There were a few threads on hive design mid-season and one of them was on roofs. Might be helpful. http://www.beesource.com/forums/showthread.php?286874-Let-s-talk-about-roofs
And
http://www.beesource.com/forums/showthread.php?286753-Venting-Suggestions


----------



## Silverbackotter (Feb 23, 2013)

I have mix of telescoping and simple ones like mat described. I had to rebuild one of the telescoping ones the other after the wind took it off. Simple is likely better but I haven't decided yet. Haven't figured out a way to insulate that I thought allowed adequate air flow. My climate is a shade warmer than yours but drier and more breezy in Wyo. 
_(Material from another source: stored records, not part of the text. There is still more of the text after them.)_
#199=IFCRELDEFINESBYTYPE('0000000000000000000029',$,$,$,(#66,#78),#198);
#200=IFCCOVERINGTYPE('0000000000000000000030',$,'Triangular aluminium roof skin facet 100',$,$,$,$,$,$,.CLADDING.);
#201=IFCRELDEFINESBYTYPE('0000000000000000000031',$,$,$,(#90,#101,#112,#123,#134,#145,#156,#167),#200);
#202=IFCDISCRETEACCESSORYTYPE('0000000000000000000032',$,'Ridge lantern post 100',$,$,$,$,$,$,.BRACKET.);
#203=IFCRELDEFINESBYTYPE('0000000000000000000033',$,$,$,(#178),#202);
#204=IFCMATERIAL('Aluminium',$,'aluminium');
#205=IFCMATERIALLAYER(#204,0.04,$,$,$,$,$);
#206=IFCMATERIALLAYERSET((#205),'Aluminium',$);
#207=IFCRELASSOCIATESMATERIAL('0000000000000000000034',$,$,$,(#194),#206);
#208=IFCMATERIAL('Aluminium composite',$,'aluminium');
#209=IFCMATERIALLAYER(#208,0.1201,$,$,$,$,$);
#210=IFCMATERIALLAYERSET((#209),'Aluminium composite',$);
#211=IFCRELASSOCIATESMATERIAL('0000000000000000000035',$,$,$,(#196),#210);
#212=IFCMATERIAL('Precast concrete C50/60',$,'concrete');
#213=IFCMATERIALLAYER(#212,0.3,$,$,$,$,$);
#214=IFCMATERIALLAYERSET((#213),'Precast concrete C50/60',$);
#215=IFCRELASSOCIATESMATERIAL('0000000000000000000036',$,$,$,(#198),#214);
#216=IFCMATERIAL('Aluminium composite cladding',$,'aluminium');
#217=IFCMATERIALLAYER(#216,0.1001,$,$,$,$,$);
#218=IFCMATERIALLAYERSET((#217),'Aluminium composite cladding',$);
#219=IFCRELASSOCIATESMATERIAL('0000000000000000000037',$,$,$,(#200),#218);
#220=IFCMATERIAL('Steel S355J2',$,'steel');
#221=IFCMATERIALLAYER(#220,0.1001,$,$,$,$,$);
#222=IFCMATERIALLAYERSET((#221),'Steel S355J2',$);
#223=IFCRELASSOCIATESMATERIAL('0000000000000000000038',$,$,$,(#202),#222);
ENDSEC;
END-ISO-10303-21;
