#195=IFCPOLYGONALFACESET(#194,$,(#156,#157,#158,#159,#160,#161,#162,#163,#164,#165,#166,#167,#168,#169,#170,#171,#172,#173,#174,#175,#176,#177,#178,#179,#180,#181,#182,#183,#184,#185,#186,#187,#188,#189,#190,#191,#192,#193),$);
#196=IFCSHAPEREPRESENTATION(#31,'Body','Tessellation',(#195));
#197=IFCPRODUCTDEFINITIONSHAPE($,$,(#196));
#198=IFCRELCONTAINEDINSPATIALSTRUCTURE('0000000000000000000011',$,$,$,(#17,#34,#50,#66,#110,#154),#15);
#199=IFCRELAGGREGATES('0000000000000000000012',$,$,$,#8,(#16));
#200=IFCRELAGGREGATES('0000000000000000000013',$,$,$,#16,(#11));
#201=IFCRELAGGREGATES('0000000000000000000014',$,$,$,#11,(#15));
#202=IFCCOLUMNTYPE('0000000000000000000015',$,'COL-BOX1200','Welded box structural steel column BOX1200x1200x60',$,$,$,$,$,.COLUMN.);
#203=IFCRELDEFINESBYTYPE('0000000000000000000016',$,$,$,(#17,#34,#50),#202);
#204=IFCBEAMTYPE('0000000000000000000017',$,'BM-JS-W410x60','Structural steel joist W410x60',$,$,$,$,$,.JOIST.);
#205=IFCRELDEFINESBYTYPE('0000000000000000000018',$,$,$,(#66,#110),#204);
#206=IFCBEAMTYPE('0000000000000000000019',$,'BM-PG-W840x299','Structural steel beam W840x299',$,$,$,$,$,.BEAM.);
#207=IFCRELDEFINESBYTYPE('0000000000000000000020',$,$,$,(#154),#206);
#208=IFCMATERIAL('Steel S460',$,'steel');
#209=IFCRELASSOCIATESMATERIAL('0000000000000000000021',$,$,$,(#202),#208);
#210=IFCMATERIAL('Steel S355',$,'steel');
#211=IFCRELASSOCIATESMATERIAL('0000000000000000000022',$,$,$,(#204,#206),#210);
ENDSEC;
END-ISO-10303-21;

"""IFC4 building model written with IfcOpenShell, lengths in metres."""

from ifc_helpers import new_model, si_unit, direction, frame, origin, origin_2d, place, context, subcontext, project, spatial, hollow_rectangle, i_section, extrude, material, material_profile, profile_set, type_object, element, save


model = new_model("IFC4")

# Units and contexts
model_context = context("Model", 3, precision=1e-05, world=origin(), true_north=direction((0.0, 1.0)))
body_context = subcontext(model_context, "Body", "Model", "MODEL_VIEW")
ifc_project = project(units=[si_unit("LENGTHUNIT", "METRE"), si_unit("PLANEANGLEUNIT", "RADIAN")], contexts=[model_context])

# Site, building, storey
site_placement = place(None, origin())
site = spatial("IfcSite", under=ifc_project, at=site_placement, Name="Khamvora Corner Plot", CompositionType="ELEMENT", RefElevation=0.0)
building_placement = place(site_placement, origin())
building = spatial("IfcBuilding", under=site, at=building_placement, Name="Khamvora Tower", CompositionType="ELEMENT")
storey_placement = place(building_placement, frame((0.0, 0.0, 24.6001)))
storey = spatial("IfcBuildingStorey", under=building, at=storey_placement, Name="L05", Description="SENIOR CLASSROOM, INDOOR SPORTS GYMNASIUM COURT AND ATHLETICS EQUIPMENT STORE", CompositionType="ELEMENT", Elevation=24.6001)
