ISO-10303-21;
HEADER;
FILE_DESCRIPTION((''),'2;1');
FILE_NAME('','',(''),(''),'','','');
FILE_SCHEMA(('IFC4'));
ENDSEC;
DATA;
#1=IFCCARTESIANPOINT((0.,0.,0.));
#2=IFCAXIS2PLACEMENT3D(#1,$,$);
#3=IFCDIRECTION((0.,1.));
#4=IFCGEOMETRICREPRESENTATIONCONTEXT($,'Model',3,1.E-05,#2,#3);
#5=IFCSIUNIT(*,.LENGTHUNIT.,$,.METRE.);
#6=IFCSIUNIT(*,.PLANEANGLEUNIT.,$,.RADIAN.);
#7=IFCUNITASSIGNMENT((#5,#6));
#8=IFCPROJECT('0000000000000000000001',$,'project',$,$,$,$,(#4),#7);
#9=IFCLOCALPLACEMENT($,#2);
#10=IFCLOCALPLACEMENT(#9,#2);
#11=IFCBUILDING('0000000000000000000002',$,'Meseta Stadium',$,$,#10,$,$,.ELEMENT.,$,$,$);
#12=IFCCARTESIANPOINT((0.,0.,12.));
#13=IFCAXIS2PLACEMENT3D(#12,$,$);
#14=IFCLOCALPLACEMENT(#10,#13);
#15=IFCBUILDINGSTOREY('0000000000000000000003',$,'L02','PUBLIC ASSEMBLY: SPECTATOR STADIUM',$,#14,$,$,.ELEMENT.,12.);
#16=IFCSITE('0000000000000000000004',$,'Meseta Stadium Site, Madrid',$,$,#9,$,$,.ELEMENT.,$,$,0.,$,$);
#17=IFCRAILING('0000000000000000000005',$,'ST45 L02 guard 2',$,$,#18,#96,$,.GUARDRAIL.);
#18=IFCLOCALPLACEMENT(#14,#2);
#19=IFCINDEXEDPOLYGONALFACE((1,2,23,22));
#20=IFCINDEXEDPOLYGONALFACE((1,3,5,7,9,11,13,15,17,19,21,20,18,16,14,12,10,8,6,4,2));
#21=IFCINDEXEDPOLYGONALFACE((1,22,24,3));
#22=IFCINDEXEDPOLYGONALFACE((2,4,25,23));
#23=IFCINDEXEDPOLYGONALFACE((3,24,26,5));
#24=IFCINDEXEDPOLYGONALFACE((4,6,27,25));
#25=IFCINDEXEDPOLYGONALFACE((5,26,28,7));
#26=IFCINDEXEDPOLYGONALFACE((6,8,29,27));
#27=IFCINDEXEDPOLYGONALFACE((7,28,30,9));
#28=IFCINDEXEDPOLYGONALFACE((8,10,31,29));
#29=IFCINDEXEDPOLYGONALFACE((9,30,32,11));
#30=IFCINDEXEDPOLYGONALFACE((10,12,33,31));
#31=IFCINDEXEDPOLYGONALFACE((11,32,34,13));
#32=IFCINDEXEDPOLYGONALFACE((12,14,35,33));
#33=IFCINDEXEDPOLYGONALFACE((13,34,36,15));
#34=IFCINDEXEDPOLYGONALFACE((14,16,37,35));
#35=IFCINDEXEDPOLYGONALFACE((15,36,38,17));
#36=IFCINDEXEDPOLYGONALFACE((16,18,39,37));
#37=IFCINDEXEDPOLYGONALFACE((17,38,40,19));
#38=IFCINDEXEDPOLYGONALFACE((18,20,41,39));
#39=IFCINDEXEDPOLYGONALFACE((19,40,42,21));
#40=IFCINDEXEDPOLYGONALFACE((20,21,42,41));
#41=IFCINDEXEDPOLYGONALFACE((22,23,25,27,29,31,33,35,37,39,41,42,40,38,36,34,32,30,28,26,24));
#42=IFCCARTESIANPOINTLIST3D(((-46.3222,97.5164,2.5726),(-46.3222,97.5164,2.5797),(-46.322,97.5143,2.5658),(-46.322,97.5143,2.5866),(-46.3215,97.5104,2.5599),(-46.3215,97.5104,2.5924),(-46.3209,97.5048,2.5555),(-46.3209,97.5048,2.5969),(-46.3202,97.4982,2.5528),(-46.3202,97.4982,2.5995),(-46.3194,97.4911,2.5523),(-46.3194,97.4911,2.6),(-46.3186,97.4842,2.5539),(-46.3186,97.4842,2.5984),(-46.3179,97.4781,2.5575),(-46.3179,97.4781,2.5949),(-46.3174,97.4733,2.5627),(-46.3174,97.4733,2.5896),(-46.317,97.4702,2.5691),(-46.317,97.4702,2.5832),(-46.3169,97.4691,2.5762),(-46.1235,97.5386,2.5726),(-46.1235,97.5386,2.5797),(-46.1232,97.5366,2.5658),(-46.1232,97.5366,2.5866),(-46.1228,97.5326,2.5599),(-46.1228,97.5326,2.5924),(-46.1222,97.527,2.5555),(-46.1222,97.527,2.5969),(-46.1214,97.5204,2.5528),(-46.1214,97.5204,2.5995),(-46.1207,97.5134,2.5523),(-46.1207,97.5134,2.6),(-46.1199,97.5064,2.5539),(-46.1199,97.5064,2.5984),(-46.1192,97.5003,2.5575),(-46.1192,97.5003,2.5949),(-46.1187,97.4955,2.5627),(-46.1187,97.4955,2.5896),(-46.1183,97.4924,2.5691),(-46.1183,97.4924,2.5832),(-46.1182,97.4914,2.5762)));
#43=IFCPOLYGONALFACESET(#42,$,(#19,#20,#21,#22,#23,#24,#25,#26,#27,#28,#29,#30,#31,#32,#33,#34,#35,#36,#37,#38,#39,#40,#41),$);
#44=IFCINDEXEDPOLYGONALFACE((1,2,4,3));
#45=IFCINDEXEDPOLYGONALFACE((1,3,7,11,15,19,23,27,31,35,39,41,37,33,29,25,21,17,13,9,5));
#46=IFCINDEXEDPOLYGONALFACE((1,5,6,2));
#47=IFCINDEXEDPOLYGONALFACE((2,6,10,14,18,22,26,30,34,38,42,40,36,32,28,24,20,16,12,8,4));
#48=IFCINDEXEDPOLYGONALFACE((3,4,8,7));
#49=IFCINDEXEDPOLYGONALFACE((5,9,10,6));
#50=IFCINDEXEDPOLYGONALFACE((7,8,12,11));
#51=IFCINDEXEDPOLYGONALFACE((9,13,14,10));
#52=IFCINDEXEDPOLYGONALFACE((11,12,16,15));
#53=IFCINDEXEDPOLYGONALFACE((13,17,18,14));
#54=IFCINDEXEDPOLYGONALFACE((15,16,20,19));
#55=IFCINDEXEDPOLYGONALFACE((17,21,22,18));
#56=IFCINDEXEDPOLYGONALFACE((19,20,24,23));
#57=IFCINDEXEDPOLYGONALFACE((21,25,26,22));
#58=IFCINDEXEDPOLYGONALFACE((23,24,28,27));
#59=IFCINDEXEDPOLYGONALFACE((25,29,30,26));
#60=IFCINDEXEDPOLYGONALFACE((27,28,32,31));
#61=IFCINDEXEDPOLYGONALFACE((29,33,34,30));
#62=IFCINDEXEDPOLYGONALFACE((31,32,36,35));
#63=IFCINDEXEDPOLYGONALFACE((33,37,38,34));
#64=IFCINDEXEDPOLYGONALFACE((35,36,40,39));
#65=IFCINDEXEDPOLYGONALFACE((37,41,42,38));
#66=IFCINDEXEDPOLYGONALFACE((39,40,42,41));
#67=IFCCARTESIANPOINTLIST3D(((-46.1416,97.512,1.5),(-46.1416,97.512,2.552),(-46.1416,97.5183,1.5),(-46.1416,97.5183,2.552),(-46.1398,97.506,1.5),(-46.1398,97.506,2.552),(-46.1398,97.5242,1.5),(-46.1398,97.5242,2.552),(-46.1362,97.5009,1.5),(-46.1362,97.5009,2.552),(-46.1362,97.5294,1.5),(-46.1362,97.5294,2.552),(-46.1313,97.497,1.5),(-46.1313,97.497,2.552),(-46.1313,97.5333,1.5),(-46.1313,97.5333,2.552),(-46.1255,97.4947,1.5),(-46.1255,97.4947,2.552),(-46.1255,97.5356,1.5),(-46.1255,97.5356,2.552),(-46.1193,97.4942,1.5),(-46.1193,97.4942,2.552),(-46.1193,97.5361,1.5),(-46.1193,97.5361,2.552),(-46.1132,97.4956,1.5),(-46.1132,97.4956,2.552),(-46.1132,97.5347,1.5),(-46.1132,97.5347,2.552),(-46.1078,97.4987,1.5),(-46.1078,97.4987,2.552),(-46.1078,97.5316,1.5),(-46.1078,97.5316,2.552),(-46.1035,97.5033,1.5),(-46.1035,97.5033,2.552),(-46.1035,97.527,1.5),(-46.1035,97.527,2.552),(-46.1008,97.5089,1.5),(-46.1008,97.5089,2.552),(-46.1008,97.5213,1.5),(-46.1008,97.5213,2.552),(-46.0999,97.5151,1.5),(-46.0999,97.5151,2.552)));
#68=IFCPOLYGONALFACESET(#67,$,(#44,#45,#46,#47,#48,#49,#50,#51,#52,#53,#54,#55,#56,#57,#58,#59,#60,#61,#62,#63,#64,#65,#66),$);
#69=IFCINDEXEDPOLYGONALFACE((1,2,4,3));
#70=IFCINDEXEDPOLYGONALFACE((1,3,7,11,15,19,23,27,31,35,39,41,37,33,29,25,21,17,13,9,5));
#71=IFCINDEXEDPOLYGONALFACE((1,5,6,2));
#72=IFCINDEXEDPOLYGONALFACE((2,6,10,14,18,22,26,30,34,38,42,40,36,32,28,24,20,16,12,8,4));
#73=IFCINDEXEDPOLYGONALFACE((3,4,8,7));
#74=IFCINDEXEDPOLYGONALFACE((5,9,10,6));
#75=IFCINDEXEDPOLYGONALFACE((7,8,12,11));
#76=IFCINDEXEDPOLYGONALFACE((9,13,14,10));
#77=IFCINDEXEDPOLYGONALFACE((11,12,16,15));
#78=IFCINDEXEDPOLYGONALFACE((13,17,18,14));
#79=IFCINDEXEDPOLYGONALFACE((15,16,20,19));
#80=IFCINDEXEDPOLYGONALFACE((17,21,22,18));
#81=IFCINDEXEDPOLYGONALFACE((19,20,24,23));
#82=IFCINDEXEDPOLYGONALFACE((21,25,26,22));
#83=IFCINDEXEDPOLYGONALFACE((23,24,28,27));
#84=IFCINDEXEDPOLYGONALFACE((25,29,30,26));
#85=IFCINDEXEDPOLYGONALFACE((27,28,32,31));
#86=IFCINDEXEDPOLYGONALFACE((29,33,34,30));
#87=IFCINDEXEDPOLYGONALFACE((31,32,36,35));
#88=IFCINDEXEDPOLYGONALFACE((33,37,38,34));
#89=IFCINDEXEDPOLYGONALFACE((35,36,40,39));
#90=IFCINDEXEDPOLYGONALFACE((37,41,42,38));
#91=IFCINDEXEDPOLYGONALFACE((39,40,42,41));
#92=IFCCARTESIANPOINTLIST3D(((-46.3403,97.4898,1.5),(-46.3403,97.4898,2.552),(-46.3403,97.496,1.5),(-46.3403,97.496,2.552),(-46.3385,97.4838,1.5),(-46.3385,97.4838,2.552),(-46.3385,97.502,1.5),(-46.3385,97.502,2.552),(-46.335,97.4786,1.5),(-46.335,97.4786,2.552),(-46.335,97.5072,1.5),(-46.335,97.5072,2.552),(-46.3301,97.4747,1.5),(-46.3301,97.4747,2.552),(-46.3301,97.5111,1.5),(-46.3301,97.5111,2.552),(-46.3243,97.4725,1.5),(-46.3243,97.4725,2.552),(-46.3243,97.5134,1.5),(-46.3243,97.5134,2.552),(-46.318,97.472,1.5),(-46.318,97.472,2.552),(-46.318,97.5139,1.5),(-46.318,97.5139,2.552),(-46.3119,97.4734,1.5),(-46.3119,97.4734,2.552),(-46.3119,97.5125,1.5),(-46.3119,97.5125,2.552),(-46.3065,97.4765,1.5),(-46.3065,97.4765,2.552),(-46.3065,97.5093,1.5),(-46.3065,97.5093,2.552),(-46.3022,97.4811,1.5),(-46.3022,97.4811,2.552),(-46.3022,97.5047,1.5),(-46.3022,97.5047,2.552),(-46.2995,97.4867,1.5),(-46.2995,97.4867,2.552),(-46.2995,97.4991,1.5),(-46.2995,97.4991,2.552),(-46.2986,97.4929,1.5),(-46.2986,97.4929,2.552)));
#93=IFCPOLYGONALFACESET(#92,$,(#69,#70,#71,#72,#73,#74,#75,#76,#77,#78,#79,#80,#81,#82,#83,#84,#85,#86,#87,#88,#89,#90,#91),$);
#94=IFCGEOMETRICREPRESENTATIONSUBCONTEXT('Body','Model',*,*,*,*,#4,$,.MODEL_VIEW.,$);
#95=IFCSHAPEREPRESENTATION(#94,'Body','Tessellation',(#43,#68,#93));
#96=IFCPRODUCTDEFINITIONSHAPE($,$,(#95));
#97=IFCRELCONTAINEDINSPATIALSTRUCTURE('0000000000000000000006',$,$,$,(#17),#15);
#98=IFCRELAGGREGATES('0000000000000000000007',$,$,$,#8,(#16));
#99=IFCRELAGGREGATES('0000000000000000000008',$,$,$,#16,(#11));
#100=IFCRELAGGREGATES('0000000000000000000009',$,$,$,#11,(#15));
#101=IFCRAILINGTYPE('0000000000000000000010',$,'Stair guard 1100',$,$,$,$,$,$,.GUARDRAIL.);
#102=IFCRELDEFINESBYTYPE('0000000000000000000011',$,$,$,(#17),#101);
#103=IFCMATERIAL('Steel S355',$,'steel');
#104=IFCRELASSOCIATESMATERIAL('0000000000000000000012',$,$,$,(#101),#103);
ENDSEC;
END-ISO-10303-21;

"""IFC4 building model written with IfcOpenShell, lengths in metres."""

from ifc_helpers import new_model, si_unit, direction, frame, origin, origin_2d, place, context, subcontext, project, spatial, circle, extrude, material, type_object, element, save


model = new_model("IFC4")

# Units and contexts
model_context = context("Model", 3, precision=1e-05, world=origin(), true_north=direction((0.0, 1.0)))
body_context = subcontext(model_context, "Body", "Model", "MODEL_VIEW")
ifc_project = project(units=[si_unit("LENGTHUNIT", "METRE"), si_unit("PLANEANGLEUNIT", "RADIAN")], contexts=[model_context])

# Site, building, storey
site_placement = place(None, origin())
site = spatial("IfcSite", under=ifc_project, at=site_placement, Name="Meseta Stadium Site, Madrid", CompositionType="ELEMENT", RefElevation=0.0)
building_placement = place(site_placement, origin())
building = spatial("IfcBuilding", under=site, at=building_placement, Name="Meseta Stadium", CompositionType="ELEMENT")
storey_placement = place(building_placement, frame((0.0, 0.0, 12.0)))
storey = spatial("IfcBuildingStorey", under=building, at=storey_placement, Name="L02", Description="PUBLIC ASSEMBLY: SPECTATOR STADIUM", CompositionType="ELEMENT", Elevation=12.0)

# Railing
ifc_material_1 = material(Name="Steel S355", Category="steel")
railing_type_1 = type_object("IfcRailingType", Name="Stair guard 1100", PredefinedType="GUARDRAIL", material=ifc_material_1)
railing_1_placement = place(storey_placement, frame((-46.1208, 97.5151, 1.5)))
element("IfcRailing", 1, at=railing_1_placement, inside=storey, type_object=railing_type_1, Name="ST45 L02 guard 2", PredefinedType="GUARDRAIL", context=body_context, shape_type="SweptSolid", body=[
    extrude(circle(Radius=0.0239, at=origin_2d()), frame((0.0, 0.0, 1.0762), z_axis=(-0.993809, -0.111102, 0.0), x_axis=(0.111102, -0.993809, 0.0)), (0.0, 0.0, 1.0), 0.2),
    extrude(circle(Radius=0.021, at=origin_2d()), origin(), (0.0, 0.0, 1.0), 1.052),
    extrude(circle(Radius=0.021, at=origin_2d()), frame((-0.1987, -0.0222, 0.0)), (0.0, 0.0, 1.0), 1.052),
])

save(model, "model.ifc")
I would do end entrances for the same reason as Matt stated.


----------



## TheGeneralsBees (Feb 17, 2013)

I have one with a lovely peaked roof and one like Matt's, a piece of plywood with a couple of two by fours - there is no discernable difference in the impact on the hives that I can see. I do get a lot of bearding but then again it's quite hot and humid in the summer here so I don't think the roof design is the cause.


----------



## ruthiesbees (Aug 27, 2013)

I have a gabled aluminum roof. kit came from beeline apiaries. I think it is a bit more "decorative". it also fits in such way that air can flow over the top bars to dissipate some of the heat.


----------



## Life is Good! (Feb 22, 2013)

Sorry for the late reply - it's not the season to be on-line....it's cookie baking time!

I built peaked roofs for my tbh - I hinged them with a bolt on each end, as it's easier for me to handle. I chose this management system to minimize lifting heavy materials (bad shoulder), so a hinged roof allows me to simply 'push' it up and viola, the hive is right there! No lifting roofs on or off the ground, no wrangling pieces of metal and rocks/bricks around...and the neighborhood kids didn't give it a second look, as it didn't look 'curious'.

I built a frame out of 2x2's for the roof, and covered it with scrap aluminum ductwork pieces we had lying around. They've worked very well thus far! 

I have found with the peaked roof that I need to be vigilant in springtime to avoid having paper wasps nest inside of it. I had repeated queens attempting to build in there. Each was evicted promptly, but I had to look every other day under the roof for about a month - and I'd have a new wasp queen in there every other day. Persistent buggers, but I won that war last year.

I also found the peaked roof better for the northern Illinois cold - it allowed me space to put a pair of pillowcases with some unfaced insulation inside to help insulate the space. 

You asked for photos:


----------



## MattDavey (Dec 16, 2011)

I would build it as a longhive because it gives you more choice. If you want to use top bars you can, but you can still put supers on top as well. See the thread about my 3x Longhive here:

http://www.beesource.com/forums/showthread.php?291607-3x-Longhive

It needs a cover on top, I'm using a sheet of clear PVC (carpet protecto) which is working well, but needs to be tied down. You could use a sheet of plywood on top if it is not supered.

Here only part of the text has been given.